代写MATH3075、代写C++,python程序

日期：2022-09-03 09:46

Financial Derivatives (Mainstream)

Due by 11:59 p.m. on Sunday, 11 September 2022

1. [12 marks] Single-period multi-state model. Consider a single-period market

model M = (B, S) on a finite sample space ? = {肋1, 肋2, 肋3}. We assume that the

money market account B equals B0 = 1 and B1 = 4 and the stock price S = (S0, S1)

satisfies S0 = 2.5 and S1 = (18, 10, 2). The real-world probability P is such that

P(肋i) = pi > 0 for i = 1, 2, 3.

(a) Find the class M of all martingale measures for the modelM. Is the market

modelM arbitrage-free? Is this market model complete?

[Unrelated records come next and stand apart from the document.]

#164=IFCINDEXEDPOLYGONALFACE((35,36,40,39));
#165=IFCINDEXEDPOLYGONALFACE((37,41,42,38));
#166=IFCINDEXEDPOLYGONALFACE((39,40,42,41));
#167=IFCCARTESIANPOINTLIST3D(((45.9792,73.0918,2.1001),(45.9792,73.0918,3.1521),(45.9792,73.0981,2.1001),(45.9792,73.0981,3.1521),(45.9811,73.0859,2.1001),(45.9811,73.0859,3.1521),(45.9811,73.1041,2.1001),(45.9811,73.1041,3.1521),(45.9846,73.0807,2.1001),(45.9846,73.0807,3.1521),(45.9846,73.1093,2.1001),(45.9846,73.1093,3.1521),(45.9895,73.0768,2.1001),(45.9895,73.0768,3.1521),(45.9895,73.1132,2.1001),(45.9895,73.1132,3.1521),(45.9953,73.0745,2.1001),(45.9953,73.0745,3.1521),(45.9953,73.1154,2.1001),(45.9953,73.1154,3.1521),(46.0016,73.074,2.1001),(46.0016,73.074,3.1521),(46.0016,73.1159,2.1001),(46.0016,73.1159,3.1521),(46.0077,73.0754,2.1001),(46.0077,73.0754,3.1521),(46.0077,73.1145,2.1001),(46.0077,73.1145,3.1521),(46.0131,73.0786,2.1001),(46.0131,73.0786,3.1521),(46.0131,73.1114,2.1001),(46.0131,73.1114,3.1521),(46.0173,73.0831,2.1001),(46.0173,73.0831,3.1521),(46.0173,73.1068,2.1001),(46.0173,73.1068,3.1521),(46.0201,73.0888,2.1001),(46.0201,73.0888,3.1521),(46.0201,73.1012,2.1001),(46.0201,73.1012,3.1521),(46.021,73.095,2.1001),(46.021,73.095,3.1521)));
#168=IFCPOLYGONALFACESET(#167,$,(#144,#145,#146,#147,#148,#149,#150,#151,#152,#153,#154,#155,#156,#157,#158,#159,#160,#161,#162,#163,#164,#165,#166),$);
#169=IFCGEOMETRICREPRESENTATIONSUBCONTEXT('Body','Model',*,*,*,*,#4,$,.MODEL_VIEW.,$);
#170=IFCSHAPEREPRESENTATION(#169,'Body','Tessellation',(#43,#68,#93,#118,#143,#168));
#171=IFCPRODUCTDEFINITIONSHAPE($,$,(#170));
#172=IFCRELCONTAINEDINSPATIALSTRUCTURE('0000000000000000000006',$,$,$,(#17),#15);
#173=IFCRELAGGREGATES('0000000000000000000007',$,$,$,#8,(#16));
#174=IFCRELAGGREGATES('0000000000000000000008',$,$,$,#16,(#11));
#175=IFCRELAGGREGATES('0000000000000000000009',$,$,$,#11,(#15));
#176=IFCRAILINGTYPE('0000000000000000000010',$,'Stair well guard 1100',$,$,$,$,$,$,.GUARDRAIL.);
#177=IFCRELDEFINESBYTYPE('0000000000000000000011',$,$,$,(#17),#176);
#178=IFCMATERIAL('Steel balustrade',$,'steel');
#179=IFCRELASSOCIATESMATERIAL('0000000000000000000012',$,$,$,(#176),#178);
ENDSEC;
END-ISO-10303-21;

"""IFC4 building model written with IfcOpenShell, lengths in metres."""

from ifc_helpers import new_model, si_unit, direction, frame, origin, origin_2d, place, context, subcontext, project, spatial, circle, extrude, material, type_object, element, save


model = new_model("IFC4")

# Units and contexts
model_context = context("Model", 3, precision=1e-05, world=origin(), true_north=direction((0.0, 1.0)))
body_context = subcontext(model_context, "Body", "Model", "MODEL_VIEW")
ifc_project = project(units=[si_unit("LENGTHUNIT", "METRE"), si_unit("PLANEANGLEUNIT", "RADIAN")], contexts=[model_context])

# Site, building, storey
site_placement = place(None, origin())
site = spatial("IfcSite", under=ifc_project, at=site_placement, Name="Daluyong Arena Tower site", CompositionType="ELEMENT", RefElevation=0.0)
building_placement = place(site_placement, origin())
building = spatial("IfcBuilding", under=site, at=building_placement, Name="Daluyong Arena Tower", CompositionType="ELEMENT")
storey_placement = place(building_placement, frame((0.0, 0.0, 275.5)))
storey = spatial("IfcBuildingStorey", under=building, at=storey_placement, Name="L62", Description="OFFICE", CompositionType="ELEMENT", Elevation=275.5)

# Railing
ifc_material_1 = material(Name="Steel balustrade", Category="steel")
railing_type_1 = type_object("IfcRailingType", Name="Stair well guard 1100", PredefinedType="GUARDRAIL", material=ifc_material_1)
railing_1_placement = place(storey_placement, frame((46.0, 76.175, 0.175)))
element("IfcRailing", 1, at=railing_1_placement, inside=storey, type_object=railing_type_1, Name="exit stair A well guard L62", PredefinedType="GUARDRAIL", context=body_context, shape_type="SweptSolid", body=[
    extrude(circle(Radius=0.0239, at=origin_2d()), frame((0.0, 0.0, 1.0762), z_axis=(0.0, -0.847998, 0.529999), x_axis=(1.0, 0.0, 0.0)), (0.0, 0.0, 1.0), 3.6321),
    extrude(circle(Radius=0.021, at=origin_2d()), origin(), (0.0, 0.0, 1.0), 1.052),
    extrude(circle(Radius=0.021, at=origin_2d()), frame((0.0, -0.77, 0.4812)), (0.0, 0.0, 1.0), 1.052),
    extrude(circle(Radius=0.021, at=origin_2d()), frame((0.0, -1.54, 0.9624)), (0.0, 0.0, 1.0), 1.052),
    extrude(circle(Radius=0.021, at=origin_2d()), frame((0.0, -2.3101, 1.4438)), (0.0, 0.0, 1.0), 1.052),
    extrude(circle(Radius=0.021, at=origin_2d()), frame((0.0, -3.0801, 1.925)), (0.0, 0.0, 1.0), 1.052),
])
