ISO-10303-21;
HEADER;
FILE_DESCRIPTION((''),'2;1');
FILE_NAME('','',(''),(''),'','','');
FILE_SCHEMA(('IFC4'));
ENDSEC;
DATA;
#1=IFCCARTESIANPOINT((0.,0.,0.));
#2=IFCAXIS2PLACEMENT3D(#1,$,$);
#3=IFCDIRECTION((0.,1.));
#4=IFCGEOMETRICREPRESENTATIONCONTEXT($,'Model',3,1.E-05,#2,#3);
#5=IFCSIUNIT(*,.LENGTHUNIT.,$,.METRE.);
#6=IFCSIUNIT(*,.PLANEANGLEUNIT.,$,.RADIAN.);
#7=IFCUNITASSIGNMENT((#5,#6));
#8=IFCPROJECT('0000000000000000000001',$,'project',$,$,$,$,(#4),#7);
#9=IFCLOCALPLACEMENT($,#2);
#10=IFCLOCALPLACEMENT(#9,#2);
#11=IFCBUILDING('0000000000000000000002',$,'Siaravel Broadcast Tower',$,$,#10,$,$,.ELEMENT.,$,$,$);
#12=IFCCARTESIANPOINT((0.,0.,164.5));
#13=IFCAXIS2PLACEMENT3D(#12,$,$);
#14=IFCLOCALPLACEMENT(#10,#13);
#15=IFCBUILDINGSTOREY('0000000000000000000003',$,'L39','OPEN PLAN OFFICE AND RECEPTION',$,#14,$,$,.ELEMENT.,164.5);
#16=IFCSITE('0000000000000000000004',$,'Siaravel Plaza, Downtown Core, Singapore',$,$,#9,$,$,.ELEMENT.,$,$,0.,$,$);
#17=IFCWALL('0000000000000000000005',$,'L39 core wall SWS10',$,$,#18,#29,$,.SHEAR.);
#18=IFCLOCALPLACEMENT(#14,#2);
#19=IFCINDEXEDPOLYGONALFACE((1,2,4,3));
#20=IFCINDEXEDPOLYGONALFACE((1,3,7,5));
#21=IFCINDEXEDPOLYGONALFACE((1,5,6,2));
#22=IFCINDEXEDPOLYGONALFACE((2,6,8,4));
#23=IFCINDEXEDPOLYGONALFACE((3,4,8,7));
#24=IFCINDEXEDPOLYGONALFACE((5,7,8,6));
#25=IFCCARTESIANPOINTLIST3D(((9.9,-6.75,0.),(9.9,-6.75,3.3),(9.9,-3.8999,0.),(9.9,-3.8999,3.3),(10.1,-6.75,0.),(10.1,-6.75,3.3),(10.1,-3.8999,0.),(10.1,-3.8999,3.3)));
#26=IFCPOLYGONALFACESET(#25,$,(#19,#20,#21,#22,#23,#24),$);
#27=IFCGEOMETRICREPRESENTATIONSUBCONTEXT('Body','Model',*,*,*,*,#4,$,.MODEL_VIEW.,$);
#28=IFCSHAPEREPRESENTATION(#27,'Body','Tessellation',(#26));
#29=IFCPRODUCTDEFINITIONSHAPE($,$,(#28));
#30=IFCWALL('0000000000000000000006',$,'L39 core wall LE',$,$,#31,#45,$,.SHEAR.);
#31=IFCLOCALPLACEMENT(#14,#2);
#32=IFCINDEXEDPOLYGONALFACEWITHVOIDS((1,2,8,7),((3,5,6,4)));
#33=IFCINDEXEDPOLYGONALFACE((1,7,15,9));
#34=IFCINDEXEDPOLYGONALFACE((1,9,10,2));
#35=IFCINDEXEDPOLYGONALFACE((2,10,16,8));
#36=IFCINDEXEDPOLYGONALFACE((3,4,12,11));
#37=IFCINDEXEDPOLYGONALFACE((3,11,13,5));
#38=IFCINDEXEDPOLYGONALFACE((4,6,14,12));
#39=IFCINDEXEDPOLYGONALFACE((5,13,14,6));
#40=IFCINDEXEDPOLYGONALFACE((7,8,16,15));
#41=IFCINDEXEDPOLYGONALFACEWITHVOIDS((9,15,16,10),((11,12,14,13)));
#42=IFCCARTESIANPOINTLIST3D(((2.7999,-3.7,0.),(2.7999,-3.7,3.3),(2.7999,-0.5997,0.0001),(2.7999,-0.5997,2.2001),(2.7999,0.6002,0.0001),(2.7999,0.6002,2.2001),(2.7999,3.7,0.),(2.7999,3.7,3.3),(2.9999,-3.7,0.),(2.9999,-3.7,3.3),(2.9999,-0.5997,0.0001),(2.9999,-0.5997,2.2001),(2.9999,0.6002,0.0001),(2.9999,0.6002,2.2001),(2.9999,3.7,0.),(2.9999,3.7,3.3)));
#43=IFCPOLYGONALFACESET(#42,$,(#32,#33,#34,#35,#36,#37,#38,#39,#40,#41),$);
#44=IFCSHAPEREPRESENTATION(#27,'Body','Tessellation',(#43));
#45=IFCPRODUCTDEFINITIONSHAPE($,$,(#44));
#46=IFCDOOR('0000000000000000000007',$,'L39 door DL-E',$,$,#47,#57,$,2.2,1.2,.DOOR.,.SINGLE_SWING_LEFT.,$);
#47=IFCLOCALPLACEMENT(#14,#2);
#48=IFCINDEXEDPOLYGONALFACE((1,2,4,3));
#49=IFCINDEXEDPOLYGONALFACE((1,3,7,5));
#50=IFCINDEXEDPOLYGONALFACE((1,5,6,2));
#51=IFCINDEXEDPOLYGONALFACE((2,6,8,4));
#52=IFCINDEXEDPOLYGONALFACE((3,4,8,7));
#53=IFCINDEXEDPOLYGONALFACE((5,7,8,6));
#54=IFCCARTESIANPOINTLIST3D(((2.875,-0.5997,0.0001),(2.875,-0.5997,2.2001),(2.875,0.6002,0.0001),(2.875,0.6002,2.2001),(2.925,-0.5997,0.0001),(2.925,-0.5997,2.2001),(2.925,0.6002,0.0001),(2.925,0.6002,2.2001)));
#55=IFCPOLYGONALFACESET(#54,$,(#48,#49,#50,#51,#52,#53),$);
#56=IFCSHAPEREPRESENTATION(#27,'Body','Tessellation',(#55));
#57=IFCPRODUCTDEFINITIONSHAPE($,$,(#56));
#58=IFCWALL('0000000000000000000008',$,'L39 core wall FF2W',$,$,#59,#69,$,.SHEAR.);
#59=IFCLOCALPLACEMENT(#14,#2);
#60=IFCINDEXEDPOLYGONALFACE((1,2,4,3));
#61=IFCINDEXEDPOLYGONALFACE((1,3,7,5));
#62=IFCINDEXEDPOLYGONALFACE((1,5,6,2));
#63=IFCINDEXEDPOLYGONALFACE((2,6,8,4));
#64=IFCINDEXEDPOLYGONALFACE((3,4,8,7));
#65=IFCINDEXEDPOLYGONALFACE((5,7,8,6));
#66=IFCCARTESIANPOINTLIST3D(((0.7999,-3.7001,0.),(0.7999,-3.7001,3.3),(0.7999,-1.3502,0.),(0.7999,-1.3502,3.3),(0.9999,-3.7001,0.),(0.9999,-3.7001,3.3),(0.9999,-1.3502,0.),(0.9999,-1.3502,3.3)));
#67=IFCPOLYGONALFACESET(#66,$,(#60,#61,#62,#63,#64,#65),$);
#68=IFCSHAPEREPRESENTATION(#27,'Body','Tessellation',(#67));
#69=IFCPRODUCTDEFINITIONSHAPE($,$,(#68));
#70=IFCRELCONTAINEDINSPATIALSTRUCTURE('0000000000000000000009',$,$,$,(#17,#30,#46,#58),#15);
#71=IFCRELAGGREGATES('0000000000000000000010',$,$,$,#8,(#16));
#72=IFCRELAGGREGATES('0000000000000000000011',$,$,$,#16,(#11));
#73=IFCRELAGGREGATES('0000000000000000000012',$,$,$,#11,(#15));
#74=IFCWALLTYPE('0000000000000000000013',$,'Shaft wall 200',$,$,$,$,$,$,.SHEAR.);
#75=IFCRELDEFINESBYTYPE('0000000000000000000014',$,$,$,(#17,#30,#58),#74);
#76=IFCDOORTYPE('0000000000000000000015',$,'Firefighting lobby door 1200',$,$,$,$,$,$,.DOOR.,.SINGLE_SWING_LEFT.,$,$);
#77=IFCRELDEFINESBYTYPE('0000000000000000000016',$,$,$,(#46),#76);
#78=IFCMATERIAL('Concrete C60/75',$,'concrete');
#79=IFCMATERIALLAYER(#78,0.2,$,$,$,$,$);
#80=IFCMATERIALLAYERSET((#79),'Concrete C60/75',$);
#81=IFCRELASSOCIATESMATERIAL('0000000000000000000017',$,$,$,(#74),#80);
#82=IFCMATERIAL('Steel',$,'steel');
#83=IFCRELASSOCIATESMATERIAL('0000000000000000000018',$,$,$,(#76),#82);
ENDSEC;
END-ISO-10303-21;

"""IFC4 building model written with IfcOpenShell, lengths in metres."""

from ifc_helpers import new_model, si_unit, direction, frame, frame_2d, origin, place, context, subcontext, project, spatial, rectangle, extrude, material, layer, layer_set, type_object, element, fill, save


model = new_model("IFC4")

# Units and contexts
model_context = context("Model", 3, precision=1e-05, world=origin(), true_north=direction((0.0, 1.0)))
body_context = subcontext(model_context, "Body", "Model", "MODEL_VIEW")
ifc_project = project(units=[si_unit("LENGTHUNIT", "METRE"), si_unit("PLANEANGLEUNIT", "RADIAN")], contexts=[model_context])

# Site, building, storey
site_placement = place(None, origin())
site = spatial("IfcSite", under=ifc_project, at=site_placement, Name="Siaravel Plaza, Downtown Core, Singapore", CompositionType="ELEMENT", RefElevation=0.0)
building_placement = place(site_placement, origin())
building = spatial("IfcBuilding", under=site, at=building_placement, Name="Siaravel Broadcast Tower", CompositionType="ELEMENT")
storey_placement = place(building_placement, frame((0.0, 0.0, 164.5)))
storey = spatial("IfcBuildingStorey", under=building, at=storey_placement, Name="L39", Description="OPEN PLAN OFFICE AND RECEPTION", CompositionType="ELEMENT", Elevation=164.5)

# Shared definitions
ifc_material_1 = material(Name="Concrete C60/75", Category="concrete")
ifc_material_2 = material(Name="Steel", Category="steel")

# Wall
ifc_layer_1 = layer(ifc_material_1, 0.2)
ifc_layer_set_1 = layer_set([ifc_layer_1], Name="Concrete C60/75")
wall_type_1 = type_object("IfcWallType", Name="Shaft wall 200", PredefinedType="SHEAR", material=ifc_layer_set_1)
for number, where, z_axis, x_axis, name in (
    (1, (10.0, -6.75, 0.0), (0.0, 0.0, 1.0), (0.0, 1.0, 0.0), "L39 core wall SWS10"),
):
    element("IfcWall", number, at=place(storey_placement, frame(where, z_axis=z_axis, x_axis=x_axis)), inside=storey, type_object=wall_type_1, Name=name, PredefinedType="SHEAR", context=body_context, shape_type="SweptSolid", body=[
        extrude(rectangle(XDim=2.8501, YDim=0.2, at=frame_2d((1.425, 0.0))), origin(), (0.0, 0.0, 1.0), 3.3),
    ])

# Wall, opening, door
wall_1_placement = place(storey_placement, frame((2.8999, -3.7, 0.0), z_axis=(0.0, 0.0, 1.0), x_axis=(0.0, 1.0, 0.0)))
wall_1 = element("IfcWall", 2, at=wall_1_placement, inside=storey, type_object=wall_type_1, Name="L39 core wall LE", PredefinedType="SHEAR", context=body_context, shape_type="SweptSolid", body=[
    extrude(rectangle(XDim=7.3999, YDim=0.2, at=frame_2d((3.7, 0.0))), origin(), (0.0, 0.0, 1.0), 3.3),
])
opening_1_placement = place(wall_1_placement, frame((3.1001, 0.0, 0.0)))
opening_1 = element("IfcOpeningElement", 3, at=opening_1_placement, cuts=wall_1, PredefinedType="OPENING", context=body_context, shape_type="SweptSolid", body=[
    extrude(rectangle(XDim=1.2, YDim=2.2, at=frame_2d((0.6001, 1.1001))), frame((0.0, 0.1099, 0.0), z_axis=(0.0, -1.0, 0.0), x_axis=(1.0, 0.0, 0.0)), (0.0, 0.0, 1.0), 0.22),
])
door_type_1 = type_object("IfcDoorType", Name="Firefighting lobby door 1200", OperationType="SINGLE_SWING_LEFT", PredefinedType="DOOR", material=ifc_material_2)
door_1_placement = place(opening_1_placement, origin())
door_1 = element("IfcDoor", 4, at=door_1_placement, inside=storey, type_object=door_type_1, Name="L39 door DL-E", OperationType="SINGLE_SWING_LEFT", OverallHeight=2.2, OverallWidth=1.2, PredefinedType="DOOR", context=body_context, shape_type="SweptSolid", body=[
    extrude(rectangle(XDim=1.2, YDim=2.2, at=frame_2d((0.6001, 1.1001))), frame((0.0, 0.0249, 0.0), z_axis=(0.0, -1.0, 0.0), x_axis=(1.0, 0.0, 0.0)), (0.0, 0.0, 1.0), 0.05),
])
fill(opening_1, door_1)

# Wall
wall_2_placement = place(storey_placement, frame((0.8999, -3.7, 0.0), z_axis=(0.0, 0.0, 1.0), x_axis=(0.0, 1.0, 0.0)))
element("IfcWall", 5, at=wall_2_placement, inside=storey, type_object=wall_type_1, Name="L39 core wall FF2W", PredefinedType="SHEAR", context=body_context, shape_type="SweptSolid", body=[
    extrude(rectangle(XDim=2.3499, YDim=0.2, at=frame_2d((1.1748, 0.0))), origin(), (0.0, 0.0, 1.0), 3.3),
])

save(model, "model.ifc")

(b) Find the replicating strategy (?00, ?10) for the contingent claim X = (5, 1,?3)

and compute the arbitrage price pi0(X) at time 0 through replication.

(c) Compute the arbitrage price pi0(X) using the risk-neutral valuation formula

with an arbitrary martingale measure Q from M.

(d) Show directly that the contingent claim Y = (Y (肋1), Y (肋2), Y (肋3)) = (10, 8,?2)

is not attainable, that is, no replicating strategy for Y exists inM.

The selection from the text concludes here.